Despite decades of effort into shrinking down electronic circuits, computer chips of today are still made on relatively large wafers that pack no more than hundreds of circuits on their surfaces. But a new project funded by the NSF and DARPA aims to change that with the help of microscopic slivers of silicon called “chiplets.”

The technology was displayed at Xerox's Palo Alto Research Center (PARC) as a part of a new electronics manufacturing system that will borrow from a Xerox invention that, until recently, had faded from consumer attention: the laser printer.

By using a laser printer-like machine, PARC is able to precisely place tens or even hundreds of thousands of these tiny electronic circuits on a surface at the exact right location and orientation.

The chiplets could be used in microprocessors, memory or a number of other circuits present throughout a computer. But their applications aren't solely digital; they can also be used as analog microelectromechanical systems (MEMS) that are capable of sensing heat, pressure or motion.
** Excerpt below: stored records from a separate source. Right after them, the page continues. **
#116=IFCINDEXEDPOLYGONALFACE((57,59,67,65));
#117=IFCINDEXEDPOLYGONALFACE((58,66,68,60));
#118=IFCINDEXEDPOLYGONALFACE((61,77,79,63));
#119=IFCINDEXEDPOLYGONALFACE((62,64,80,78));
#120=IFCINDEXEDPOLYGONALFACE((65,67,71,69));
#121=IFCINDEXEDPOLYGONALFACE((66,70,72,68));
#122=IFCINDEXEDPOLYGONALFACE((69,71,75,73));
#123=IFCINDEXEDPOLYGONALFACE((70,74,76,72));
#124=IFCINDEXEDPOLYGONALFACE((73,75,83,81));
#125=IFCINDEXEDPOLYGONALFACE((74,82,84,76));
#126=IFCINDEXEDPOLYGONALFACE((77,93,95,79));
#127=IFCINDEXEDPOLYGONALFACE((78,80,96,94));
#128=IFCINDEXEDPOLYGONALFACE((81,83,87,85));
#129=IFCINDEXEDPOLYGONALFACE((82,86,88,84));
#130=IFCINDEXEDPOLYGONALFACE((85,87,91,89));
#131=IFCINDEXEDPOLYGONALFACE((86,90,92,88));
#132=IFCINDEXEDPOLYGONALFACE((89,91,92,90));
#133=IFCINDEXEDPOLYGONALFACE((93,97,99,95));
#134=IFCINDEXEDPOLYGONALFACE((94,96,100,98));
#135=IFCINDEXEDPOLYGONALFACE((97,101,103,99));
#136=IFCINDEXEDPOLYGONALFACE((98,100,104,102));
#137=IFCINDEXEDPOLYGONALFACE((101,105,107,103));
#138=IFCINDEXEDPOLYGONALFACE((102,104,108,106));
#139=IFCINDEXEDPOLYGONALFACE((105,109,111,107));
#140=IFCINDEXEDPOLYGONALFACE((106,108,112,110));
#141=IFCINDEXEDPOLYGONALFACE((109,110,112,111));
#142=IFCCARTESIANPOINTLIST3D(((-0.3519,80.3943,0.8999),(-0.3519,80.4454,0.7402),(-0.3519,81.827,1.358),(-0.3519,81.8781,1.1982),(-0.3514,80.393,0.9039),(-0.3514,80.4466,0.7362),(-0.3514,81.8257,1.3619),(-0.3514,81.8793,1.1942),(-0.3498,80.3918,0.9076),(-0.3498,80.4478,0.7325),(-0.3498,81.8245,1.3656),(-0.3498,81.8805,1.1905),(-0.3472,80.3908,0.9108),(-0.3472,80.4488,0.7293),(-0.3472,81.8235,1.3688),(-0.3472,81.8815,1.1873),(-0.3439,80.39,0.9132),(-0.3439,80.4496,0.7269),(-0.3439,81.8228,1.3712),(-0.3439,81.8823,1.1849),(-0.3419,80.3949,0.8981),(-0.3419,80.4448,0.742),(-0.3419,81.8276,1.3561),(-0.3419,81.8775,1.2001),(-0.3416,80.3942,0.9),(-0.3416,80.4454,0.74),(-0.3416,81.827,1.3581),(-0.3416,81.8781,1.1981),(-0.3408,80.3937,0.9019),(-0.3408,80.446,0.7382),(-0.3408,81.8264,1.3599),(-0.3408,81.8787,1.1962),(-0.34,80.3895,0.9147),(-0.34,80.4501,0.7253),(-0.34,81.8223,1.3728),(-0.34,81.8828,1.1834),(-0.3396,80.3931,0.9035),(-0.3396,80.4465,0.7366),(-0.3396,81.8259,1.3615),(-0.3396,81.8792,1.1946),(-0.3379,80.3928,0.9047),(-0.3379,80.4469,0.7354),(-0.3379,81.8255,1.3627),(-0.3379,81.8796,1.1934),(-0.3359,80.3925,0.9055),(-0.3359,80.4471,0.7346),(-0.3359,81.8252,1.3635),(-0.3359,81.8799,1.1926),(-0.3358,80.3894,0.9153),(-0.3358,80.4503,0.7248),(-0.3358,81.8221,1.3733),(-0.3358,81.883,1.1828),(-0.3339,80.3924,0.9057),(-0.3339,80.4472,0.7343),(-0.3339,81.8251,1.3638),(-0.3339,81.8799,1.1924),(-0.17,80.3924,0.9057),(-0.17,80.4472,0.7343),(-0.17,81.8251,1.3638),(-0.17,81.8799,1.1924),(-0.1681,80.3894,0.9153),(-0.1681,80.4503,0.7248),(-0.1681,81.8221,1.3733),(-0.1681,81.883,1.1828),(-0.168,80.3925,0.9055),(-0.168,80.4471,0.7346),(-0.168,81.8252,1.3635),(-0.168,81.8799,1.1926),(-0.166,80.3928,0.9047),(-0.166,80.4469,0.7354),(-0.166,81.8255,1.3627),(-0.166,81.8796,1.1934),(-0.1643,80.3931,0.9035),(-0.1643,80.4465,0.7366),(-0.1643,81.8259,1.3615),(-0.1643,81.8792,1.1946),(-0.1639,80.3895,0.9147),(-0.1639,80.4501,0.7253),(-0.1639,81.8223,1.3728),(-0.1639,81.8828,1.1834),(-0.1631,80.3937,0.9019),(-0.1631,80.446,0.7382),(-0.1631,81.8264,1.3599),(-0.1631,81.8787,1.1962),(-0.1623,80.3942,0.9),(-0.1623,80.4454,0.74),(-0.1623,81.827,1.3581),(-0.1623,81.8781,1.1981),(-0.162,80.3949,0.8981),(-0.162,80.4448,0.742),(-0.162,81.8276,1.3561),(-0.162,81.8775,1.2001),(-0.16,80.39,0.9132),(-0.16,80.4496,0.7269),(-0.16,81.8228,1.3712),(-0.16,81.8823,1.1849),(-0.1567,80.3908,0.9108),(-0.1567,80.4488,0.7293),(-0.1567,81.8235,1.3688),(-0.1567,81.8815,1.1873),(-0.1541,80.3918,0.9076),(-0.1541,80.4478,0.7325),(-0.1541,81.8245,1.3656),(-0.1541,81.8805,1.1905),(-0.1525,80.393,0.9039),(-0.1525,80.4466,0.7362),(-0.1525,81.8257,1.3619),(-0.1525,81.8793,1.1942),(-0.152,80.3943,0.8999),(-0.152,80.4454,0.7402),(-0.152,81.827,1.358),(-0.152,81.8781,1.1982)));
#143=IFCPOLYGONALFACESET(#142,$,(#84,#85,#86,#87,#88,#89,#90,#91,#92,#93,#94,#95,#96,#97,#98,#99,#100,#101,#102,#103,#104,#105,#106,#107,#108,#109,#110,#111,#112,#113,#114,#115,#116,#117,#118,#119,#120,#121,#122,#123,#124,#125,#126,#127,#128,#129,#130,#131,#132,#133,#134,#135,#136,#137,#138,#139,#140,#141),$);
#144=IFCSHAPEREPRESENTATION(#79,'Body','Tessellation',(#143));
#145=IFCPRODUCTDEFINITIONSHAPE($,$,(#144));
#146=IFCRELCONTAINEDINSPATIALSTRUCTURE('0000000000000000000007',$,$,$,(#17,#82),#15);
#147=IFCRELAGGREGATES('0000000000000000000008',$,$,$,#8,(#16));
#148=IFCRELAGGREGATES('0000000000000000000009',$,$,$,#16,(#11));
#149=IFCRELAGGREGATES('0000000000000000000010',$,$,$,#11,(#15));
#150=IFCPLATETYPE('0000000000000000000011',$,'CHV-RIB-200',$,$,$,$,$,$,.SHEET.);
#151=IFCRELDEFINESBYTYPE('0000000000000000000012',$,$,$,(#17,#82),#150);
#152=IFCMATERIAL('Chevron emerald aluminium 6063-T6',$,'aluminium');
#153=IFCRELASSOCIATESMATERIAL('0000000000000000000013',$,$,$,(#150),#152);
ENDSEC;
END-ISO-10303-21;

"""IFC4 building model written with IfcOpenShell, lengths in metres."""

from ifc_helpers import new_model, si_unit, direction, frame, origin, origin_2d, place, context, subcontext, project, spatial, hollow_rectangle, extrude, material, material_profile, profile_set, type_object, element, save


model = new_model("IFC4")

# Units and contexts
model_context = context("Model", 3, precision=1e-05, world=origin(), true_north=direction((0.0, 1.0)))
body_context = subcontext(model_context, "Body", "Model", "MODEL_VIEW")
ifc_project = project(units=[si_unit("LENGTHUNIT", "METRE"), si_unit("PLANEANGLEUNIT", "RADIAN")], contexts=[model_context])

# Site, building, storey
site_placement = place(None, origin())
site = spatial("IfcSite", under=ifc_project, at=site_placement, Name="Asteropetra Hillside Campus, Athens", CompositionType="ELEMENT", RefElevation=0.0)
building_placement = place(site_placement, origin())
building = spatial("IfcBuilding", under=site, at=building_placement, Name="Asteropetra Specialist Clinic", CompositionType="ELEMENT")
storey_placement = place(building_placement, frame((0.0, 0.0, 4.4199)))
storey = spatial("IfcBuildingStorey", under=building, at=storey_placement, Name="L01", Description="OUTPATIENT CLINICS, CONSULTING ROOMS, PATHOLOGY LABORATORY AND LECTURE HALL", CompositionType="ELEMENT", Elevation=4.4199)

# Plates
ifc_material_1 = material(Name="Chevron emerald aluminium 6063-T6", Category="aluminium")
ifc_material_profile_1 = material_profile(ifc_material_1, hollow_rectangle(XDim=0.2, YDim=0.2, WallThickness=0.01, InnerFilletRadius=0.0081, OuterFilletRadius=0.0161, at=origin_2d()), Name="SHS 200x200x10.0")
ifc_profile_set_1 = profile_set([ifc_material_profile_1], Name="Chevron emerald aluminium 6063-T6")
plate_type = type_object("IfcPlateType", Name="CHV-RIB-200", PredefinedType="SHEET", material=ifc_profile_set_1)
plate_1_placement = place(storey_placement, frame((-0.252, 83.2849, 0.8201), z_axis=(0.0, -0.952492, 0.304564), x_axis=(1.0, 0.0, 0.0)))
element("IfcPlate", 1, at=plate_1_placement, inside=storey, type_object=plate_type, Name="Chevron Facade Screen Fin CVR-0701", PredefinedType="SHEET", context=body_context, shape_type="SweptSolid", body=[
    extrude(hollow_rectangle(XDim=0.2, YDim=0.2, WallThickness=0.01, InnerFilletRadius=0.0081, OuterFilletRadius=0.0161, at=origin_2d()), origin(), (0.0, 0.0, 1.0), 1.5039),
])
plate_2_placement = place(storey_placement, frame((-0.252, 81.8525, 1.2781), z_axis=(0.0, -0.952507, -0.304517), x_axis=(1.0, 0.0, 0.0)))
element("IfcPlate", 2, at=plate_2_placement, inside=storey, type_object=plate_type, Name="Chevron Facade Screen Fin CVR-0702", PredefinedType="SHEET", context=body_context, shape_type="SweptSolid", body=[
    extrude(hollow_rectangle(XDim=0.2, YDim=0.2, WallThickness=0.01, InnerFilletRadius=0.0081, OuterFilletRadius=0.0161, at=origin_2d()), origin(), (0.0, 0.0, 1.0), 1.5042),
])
If the system is sufficiently refined, it would enable manufacturers to print circuitry for a number of electronics – from phones won't break when you sit on them to a robotic skin capable of tactile sensation.

While the manufacturing process could be used to assemble custom machines one at a time, it also opens the door for the 3D printing of entire systems that have circuitry built in from the get-go. Still, the researchers at PARC admit that this is merely the first step in establishing a process that is years away.

But what is perhaps more intriguing about this technology is its outright refusal to follow Moore's Law. Instead of trying to double the number of transistors crammed onto a chip, this technology looks instead to bolster computing power by sprinkling transistors across a much larger surface.

The chiplets first sit suspended in a fluid, but when they settle onto a surface they do so with the utmost precision, landing on a pattern of circuit wires at specific point of contact.

If the technology is a success, computing isn't the only industry that would see major changes. Circuit boards would no longer need to be assembled in factories, allowing for the global electronics supply chain to condense into something vastly more compact.